Publicidad

Un gol de penalti de Dani Lázaro apagó el farolillo rojo para el CD La Granja y encendió la remontada para salir del descenso. El duelo directo entre los dos equipos que compartían la posición de colista, el conjunto del Real Sitio y el Atlético Bembibre terminó con victoria de los hombres de Miguel de la Fuente por la mínima (1-0). Tras un primer tiempo que pareció más un partido de Regional que un choque entre dos plantillas que necesitaban los puntos de forma vital, el cuadro local creció después del descanso y logró un importante triunfo que le vale para tomar impulso en aras de revertir su situación y reducir su sangría con la barrera del descenso.

Faltó brío e intensidad en los primeros compases. Trances toscos, de escaso contenido, en los que predominaron choques y balones divididos. Ningún equipo tomó la iniciativa y las disputadas en el centro del campo aniquilaron cualquier atisbo de querer jugar el balón.
El encuentro parecía más propio de dos conjuntos instalados en la zona media que de dos plantillas que se repartían el farolillo rojo. Los puestos de descenso parecía que no quemaban. Inmunes a la presión. Invulnerables al cambio: al paso al frente. Ambos se mostraron muy tranquilos, sin ninguna ansiedad por amarrar los puntos. Lo mejor de para los fue el orden que mantuvieron y el rápido asentamiento del nuevo jugador Borja Ramírez, que sujetó el pivote con criterio y puso cierto dinamismo a la hora distribuir el esférico. La primera ocasión importante del enfrentamiento corrió a cargo del plantel berciano, con un doble disparo del delantero Manu, que despejó Seif con una meritoria intervención.

De la Fuente pidió más mordiente a los suyos, pero apenas generaron ocasiones; salvo contados movimientos de Jonan y Lázaro en ataque. Terminó el primer tiempo y la situación dejó cierta preocupación en ambos equipos al no ser más efectivos y no tener claridad de ideas.
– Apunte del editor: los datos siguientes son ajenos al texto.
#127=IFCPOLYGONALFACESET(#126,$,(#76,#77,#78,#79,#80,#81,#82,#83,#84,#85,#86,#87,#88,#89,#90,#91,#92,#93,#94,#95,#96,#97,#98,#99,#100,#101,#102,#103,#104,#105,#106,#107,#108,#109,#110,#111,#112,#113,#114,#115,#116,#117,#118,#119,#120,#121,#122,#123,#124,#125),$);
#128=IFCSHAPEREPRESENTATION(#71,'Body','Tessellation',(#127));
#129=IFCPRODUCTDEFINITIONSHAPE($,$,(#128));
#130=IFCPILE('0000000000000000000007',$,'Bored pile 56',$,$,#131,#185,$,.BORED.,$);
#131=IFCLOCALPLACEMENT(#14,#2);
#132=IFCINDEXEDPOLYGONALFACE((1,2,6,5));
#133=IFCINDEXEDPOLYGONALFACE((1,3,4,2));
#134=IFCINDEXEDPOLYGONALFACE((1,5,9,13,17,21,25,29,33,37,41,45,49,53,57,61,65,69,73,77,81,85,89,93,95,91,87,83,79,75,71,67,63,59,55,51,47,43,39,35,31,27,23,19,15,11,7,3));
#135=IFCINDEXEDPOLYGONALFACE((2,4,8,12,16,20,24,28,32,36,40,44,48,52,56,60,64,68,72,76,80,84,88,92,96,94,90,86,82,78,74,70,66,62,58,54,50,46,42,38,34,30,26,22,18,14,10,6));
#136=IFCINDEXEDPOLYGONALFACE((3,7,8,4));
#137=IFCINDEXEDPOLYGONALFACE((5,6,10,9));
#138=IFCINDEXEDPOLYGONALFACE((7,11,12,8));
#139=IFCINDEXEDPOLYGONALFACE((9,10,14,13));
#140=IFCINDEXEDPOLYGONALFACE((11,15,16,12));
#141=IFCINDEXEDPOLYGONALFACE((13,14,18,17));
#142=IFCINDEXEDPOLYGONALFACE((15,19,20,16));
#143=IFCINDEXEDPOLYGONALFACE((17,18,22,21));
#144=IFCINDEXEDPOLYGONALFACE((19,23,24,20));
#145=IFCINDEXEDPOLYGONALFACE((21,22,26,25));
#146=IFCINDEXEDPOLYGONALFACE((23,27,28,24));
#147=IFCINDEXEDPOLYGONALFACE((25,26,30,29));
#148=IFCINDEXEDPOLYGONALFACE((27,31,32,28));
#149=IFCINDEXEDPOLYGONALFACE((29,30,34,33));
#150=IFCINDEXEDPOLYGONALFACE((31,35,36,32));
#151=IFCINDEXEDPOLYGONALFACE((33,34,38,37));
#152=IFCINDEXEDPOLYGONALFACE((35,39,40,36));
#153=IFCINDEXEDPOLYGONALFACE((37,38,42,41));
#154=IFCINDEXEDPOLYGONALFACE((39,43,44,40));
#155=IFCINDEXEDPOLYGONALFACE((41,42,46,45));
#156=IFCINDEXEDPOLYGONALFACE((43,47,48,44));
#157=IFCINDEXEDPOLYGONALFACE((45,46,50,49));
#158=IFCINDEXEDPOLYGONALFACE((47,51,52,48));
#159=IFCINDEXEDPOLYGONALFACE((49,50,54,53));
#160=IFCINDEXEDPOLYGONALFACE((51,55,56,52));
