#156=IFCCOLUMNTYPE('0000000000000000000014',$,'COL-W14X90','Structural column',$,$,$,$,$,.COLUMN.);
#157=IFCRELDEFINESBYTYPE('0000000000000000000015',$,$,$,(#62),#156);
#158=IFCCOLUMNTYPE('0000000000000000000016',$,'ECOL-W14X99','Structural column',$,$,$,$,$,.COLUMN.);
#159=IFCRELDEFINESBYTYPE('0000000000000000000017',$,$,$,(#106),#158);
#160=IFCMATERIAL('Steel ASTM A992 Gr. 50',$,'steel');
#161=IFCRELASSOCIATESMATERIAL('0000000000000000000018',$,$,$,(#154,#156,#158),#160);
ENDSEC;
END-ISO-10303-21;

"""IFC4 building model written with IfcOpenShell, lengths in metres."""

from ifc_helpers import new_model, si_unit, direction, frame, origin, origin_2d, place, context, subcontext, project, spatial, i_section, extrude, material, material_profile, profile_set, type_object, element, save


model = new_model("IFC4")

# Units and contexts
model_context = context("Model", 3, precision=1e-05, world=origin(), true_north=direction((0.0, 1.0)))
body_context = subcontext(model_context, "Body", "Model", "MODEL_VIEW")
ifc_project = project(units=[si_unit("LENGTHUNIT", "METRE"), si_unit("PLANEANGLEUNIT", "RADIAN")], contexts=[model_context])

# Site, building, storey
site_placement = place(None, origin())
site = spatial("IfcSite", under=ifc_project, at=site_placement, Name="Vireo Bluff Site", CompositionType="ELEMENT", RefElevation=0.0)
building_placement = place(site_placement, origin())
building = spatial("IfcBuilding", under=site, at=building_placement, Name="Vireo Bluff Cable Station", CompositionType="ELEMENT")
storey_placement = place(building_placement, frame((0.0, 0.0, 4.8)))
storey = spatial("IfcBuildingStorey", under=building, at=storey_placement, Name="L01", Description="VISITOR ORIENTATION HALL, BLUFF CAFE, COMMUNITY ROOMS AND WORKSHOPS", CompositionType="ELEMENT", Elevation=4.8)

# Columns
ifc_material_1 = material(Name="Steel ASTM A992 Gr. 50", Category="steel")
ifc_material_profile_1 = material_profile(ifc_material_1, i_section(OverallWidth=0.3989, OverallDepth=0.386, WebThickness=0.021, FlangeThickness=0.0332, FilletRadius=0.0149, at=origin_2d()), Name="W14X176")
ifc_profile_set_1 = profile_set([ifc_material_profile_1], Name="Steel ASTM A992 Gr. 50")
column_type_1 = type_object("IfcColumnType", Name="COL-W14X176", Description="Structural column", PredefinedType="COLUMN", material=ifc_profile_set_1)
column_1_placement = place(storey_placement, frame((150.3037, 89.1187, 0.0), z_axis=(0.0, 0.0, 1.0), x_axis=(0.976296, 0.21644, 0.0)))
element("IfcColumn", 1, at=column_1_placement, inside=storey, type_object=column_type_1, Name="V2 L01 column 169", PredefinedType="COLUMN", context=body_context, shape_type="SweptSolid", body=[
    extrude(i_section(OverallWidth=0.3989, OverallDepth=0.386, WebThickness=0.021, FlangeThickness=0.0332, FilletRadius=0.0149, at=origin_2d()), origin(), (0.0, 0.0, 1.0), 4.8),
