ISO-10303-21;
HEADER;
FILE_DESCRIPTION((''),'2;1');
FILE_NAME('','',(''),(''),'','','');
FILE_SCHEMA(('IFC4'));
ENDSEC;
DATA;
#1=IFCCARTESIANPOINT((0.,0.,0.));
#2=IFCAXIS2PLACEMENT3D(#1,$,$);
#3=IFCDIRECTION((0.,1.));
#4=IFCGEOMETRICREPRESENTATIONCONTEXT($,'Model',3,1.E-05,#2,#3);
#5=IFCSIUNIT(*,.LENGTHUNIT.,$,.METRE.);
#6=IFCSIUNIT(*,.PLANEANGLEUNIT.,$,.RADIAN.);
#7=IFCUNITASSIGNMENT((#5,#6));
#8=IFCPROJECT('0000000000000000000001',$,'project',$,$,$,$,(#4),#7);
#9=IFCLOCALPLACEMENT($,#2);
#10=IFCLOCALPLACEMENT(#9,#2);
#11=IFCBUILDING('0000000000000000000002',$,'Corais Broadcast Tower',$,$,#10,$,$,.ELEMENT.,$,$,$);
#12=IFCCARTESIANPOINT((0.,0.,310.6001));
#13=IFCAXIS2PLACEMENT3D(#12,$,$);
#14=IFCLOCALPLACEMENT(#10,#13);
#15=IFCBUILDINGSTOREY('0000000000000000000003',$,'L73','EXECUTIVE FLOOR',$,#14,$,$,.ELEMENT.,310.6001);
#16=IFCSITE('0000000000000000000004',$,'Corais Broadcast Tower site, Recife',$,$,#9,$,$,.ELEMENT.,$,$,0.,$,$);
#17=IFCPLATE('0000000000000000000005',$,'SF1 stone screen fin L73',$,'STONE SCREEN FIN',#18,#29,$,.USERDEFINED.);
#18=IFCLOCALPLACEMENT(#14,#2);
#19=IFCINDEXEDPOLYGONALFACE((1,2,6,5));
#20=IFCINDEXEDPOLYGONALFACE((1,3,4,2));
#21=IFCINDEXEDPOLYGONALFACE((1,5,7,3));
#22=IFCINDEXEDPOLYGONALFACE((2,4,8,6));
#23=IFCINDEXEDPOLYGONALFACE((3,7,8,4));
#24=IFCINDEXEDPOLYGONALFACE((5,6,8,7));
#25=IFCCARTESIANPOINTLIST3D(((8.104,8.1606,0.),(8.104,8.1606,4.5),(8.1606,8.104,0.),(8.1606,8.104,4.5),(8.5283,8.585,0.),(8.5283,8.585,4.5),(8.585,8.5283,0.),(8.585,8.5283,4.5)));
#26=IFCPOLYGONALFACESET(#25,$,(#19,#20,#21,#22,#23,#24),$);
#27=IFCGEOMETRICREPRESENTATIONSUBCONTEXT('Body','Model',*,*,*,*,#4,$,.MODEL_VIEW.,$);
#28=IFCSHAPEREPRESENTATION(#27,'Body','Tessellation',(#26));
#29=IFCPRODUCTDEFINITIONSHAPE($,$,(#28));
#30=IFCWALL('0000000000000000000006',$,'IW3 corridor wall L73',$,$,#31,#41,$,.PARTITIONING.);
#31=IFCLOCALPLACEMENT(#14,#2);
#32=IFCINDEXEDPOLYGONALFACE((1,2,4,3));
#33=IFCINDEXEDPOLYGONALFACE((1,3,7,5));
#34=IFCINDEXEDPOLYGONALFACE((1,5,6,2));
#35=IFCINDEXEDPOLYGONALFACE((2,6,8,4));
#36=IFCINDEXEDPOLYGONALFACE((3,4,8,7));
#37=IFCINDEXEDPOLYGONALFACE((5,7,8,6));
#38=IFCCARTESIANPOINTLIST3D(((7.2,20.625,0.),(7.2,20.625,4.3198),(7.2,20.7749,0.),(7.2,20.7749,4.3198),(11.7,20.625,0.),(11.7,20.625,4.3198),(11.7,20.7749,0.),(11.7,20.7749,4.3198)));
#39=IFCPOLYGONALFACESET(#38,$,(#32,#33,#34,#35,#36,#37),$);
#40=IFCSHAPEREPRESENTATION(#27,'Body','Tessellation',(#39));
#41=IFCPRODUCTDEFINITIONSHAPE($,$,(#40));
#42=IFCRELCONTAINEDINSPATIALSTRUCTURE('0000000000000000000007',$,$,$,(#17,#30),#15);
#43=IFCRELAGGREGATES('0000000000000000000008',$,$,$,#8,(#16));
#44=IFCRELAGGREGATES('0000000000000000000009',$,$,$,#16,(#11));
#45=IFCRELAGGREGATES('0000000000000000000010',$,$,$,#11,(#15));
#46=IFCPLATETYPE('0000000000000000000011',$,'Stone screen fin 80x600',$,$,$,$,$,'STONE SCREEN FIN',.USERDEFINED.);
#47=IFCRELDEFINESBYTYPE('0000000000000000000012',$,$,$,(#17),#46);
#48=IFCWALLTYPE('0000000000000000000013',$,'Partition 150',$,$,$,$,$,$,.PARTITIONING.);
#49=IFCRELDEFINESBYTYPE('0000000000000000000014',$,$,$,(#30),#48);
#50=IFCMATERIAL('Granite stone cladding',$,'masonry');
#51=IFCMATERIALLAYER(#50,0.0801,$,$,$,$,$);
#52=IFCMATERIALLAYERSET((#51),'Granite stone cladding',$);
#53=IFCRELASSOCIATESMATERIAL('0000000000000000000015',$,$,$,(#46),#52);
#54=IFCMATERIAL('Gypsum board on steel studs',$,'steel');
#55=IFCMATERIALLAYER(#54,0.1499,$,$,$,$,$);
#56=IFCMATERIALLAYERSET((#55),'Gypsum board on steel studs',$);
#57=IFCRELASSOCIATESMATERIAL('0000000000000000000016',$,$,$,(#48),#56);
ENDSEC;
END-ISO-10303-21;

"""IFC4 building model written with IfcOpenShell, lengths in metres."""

from ifc_helpers import new_model, si_unit, direction, frame, frame_2d, origin, origin_2d, place, context, subcontext, project, spatial, rectangle, extrude, material, layer, layer_set, type_object, element, save


model = new_model("IFC4")

# Units and contexts
model_context = context("Model", 3, precision=1e-05, world=origin(), true_north=direction((0.0, 1.0)))
body_context = subcontext(model_context, "Body", "Model", "MODEL_VIEW")
ifc_project = project(units=[si_unit("LENGTHUNIT", "METRE"), si_unit("PLANEANGLEUNIT", "RADIAN")], contexts=[model_context])

# Site, building, storey
site_placement = place(None, origin())
site = spatial("IfcSite", under=ifc_project, at=site_placement, Name="Corais Broadcast Tower site, Recife", CompositionType="ELEMENT", RefElevation=0.0)
building_placement = place(site_placement, origin())
building = spatial("IfcBuilding", under=site, at=building_placement, Name="Corais Broadcast Tower", CompositionType="ELEMENT")
storey_placement = place(building_placement, frame((0.0, 0.0, 310.6001)))
storey = spatial("IfcBuildingStorey", under=building, at=storey_placement, Name="L73", Description="EXECUTIVE FLOOR", CompositionType="ELEMENT", Elevation=310.6001)

# Plate
ifc_material_1 = material(Name="Granite stone cladding", Category="masonry")
ifc_layer_1 = layer(ifc_material_1, 0.0801)
ifc_layer_set_1 = layer_set([ifc_layer_1], Name="Granite stone cladding")
plate_type_1 = type_object("IfcPlateType", Name="Stone screen fin 80x600", ElementType="STONE SCREEN FIN", PredefinedType="USERDEFINED", material=ifc_layer_set_1)
plate_1_placement = place(storey_placement, frame((8.3445, 8.3445, 0.0), z_axis=(0.0, 0.0, 1.0), x_axis=(-0.707107, 0.707107, 0.0)))
element("IfcPlate", 1, at=plate_1_placement, inside=storey, type_object=plate_type_1, Name="SF1 stone screen fin L73", ObjectType="STONE SCREEN FIN", PredefinedType="USERDEFINED", context=body_context, shape_type="SweptSolid", body=[
    extrude(rectangle(XDim=0.0801, YDim=0.6001, at=origin_2d()), origin(), (0.0, 0.0, 1.0), 4.5),
])

# Wall
ifc_material_2 = material(Name="Gypsum board on steel studs", Category="steel")
ifc_layer_2 = layer(ifc_material_2, 0.1499)
ifc_layer_set_2 = layer_set([ifc_layer_2], Name="Gypsum board on steel studs")
wall_type = type_object("IfcWallType", Name="Partition 150", PredefinedType="PARTITIONING", material=ifc_layer_set_2)
wall_placement = place(storey_placement, frame((7.2, 20.7, 0.0), z_axis=(0.0, 0.0, 1.0), x_axis=(1.0, 0.0, 0.0)))
element("IfcWall", 2, at=wall_placement, inside=storey, type_object=wall_type, Name="IW3 corridor wall L73", PredefinedType="PARTITIONING", context=body_context, shape_type="SweptSolid", body=[
    extrude(rectangle(XDim=4.5, YDim=0.1499, at=frame_2d((2.25, 0.0))), origin(), (0.0, 0.0, 1.0), 4.3198),
])

save(model, "model.ifc")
Los dos se postularon a una posición que ya tenían en la tabla y sus aspiraciones de despegar no se vieron traducidas en el terreno de juego en ningún momento de los primeros 45 minutos. Lo ofrecido no fue más allá de lo que un partido amistoso puede recoger.

UN PENALTI DECISIVO

Tras el ecuador, La Granja mejoró y el rival menguó físicamente. Se fue partiendo el choque y los hombres de De la Fuente fueron a más. El lateral Shadi, que acababa que entrar por el bando rojiblanco, provocó un penalti sobre Jonan que terminó de dar valor a la respuesta de los locales. Lázaro lo transformó con determinación (1-0) y el cuadro local creció. A raíz de este tanto se apuntó más acciones ofensivas y pudo incluso ampliar la distancia a través de Velasco.

El Bembibre continuó ofreciendo escasas muecas de peligro y apenas se contabilizó un lanzamiento de Íñigo, que despejó Seif de forma acertada. En los últimos minutos la plantilla visitante se acercó con más asiduidad a los dominios de los del Real Sitio, pero le faltó claridad de cara a puerta.
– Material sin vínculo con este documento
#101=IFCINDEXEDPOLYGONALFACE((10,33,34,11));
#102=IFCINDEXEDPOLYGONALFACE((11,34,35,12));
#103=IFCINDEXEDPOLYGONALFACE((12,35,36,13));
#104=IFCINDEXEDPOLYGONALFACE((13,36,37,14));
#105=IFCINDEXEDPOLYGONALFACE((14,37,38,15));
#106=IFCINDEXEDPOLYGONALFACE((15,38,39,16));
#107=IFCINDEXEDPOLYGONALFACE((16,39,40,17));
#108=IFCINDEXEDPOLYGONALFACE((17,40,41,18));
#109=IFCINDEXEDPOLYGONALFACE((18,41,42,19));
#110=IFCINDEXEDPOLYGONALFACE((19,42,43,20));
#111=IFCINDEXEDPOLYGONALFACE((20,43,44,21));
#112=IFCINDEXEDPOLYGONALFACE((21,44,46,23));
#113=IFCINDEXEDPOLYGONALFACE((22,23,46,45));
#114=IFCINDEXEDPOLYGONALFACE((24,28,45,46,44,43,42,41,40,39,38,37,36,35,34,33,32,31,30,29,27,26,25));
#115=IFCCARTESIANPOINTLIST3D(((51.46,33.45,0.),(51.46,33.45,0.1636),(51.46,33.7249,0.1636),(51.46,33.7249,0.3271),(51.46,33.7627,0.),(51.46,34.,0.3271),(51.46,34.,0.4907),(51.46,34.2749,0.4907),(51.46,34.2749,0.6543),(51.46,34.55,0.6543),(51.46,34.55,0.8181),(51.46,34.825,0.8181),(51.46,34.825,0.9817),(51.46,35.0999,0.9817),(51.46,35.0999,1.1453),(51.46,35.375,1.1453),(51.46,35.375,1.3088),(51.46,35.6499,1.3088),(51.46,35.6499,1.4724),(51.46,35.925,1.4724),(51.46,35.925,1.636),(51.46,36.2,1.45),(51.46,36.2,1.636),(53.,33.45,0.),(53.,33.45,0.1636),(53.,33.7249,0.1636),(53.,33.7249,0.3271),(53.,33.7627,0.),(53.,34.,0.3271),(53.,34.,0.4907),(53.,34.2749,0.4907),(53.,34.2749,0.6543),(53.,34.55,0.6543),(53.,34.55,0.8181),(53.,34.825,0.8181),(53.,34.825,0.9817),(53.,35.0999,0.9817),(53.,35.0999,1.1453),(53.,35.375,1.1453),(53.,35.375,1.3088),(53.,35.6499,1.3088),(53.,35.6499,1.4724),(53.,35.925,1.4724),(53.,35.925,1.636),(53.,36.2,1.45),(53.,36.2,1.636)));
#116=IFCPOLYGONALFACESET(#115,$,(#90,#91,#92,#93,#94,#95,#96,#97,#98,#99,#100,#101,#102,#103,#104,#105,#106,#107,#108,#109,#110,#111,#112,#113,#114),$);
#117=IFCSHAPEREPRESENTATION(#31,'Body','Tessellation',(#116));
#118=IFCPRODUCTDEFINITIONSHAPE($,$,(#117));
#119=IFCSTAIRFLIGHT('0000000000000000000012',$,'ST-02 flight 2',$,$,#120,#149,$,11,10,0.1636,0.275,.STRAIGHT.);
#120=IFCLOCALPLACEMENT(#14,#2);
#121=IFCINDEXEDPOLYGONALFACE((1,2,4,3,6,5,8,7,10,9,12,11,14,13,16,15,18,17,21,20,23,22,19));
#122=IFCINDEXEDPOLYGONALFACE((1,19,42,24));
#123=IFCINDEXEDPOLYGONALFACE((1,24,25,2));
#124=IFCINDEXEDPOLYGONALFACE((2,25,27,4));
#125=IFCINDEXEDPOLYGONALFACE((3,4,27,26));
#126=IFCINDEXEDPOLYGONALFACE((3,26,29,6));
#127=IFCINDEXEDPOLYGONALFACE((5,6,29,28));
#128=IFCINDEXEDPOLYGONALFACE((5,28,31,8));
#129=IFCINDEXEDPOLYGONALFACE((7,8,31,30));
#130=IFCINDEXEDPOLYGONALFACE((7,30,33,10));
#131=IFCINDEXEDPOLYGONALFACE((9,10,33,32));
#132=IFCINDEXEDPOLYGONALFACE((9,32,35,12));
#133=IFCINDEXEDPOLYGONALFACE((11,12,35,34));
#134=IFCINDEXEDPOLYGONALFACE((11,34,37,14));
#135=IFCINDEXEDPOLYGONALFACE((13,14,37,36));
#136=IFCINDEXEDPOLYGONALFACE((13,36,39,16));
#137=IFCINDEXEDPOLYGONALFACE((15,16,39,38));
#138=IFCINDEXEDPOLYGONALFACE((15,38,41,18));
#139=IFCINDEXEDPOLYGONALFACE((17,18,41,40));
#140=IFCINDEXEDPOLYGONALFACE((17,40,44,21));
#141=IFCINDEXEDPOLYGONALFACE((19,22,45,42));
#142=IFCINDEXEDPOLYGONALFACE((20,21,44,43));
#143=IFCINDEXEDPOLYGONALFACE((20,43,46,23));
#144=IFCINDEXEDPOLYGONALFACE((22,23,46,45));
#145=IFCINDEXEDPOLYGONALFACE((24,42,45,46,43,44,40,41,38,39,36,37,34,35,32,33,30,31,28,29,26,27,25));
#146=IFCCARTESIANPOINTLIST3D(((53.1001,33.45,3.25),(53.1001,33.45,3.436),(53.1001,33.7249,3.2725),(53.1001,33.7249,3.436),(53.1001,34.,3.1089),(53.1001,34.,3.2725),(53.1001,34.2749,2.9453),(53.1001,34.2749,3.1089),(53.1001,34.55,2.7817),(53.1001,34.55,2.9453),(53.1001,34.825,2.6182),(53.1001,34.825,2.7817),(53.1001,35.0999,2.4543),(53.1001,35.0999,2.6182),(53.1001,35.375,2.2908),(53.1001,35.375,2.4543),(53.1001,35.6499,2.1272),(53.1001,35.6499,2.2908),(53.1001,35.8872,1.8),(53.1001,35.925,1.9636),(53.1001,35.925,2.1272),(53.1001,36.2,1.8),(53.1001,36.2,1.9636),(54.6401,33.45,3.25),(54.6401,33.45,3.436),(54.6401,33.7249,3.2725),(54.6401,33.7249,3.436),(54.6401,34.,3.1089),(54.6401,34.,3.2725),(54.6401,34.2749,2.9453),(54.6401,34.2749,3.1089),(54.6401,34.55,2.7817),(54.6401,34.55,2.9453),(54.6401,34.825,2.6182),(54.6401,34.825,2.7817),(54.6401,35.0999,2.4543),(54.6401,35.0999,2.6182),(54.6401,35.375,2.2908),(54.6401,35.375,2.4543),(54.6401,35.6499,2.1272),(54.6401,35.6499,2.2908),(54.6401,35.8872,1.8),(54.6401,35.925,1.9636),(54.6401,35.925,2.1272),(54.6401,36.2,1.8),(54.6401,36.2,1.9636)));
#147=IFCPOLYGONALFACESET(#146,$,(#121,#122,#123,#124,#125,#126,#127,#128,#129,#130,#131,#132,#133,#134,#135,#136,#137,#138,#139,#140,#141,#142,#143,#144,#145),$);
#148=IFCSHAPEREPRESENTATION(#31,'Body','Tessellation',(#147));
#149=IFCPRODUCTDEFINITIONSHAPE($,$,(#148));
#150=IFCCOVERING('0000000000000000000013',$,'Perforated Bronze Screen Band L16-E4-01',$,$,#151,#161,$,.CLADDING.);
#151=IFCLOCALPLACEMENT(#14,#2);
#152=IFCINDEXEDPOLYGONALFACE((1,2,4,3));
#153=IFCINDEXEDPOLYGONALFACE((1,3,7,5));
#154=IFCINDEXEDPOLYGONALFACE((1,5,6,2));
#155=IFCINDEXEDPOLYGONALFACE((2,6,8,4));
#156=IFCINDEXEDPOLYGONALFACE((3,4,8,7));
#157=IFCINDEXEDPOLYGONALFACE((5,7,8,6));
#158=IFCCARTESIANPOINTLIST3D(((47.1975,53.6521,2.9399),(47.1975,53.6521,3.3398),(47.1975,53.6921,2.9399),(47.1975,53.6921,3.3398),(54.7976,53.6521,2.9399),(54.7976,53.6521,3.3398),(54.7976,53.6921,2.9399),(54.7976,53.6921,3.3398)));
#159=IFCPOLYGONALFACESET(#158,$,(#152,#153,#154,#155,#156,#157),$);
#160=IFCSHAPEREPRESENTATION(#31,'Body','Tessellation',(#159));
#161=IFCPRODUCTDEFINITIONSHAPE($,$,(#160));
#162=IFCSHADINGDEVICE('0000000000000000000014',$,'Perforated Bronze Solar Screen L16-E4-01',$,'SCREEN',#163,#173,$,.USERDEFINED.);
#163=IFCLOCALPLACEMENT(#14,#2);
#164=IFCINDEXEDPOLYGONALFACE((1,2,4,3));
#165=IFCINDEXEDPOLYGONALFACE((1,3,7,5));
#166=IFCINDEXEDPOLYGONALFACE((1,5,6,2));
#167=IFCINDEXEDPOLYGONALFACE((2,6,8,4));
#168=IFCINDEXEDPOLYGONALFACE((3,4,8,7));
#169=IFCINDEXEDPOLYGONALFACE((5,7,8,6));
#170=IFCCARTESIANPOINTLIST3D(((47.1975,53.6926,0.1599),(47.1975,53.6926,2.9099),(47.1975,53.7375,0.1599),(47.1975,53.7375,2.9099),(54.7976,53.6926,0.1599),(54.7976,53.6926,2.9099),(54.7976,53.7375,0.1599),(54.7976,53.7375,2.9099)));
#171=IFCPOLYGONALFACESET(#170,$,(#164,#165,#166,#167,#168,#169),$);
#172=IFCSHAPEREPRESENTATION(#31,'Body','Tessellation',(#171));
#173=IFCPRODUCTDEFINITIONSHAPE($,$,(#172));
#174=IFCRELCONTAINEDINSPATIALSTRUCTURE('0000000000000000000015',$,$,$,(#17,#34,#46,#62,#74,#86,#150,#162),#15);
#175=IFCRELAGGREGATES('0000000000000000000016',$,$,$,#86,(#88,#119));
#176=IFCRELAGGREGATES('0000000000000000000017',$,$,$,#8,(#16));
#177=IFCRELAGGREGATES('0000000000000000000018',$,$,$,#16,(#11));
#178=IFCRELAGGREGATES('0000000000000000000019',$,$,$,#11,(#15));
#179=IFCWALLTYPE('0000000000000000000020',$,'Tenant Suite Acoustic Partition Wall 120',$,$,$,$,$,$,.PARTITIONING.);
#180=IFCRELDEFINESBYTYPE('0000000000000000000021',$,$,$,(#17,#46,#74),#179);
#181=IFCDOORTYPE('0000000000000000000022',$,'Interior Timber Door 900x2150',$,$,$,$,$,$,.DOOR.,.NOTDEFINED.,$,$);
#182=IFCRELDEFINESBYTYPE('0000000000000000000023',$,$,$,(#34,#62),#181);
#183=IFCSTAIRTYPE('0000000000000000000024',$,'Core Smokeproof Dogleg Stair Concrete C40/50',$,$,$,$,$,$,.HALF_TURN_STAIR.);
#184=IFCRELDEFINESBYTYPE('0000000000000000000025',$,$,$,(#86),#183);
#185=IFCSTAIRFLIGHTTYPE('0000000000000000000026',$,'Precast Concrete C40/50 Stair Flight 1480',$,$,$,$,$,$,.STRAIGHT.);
LA IMPORTANCIA DE LA GESTIÓN DE TIEMPOS

El conjunto de De la Fuente se mostró fuerte en defensa e inteligente en la gestión de los tiempos y el entrenador hizo uso de los cambios para que se consumieran los minutos con vistas a amarrar los tres puntos. Lázaro tuvo una más antes del final, pero se estrelló frente al guardameta. Finalmente la victoria fue para los de La Granja.

MIGUEL DE LA FUENTE, TÉCNICO DEL CD LA GRANJA

«Son más que tres puntos ante un rival directo que nos dan confianza, pero sobre todo nos sirve para creer en lo que trabajamos»

ADRIÁN BENAVIDES, TÉCNICO DEL BEMBIBRE

«La lucha por la salvación para nosotros vuelve a comenzar el lunes. Seguiremos trabajando. Mientras yo esté de entrenador del Bembibre lo primero es el grupo y el club. Se nos caemos, nos levantamos: no hay más camino»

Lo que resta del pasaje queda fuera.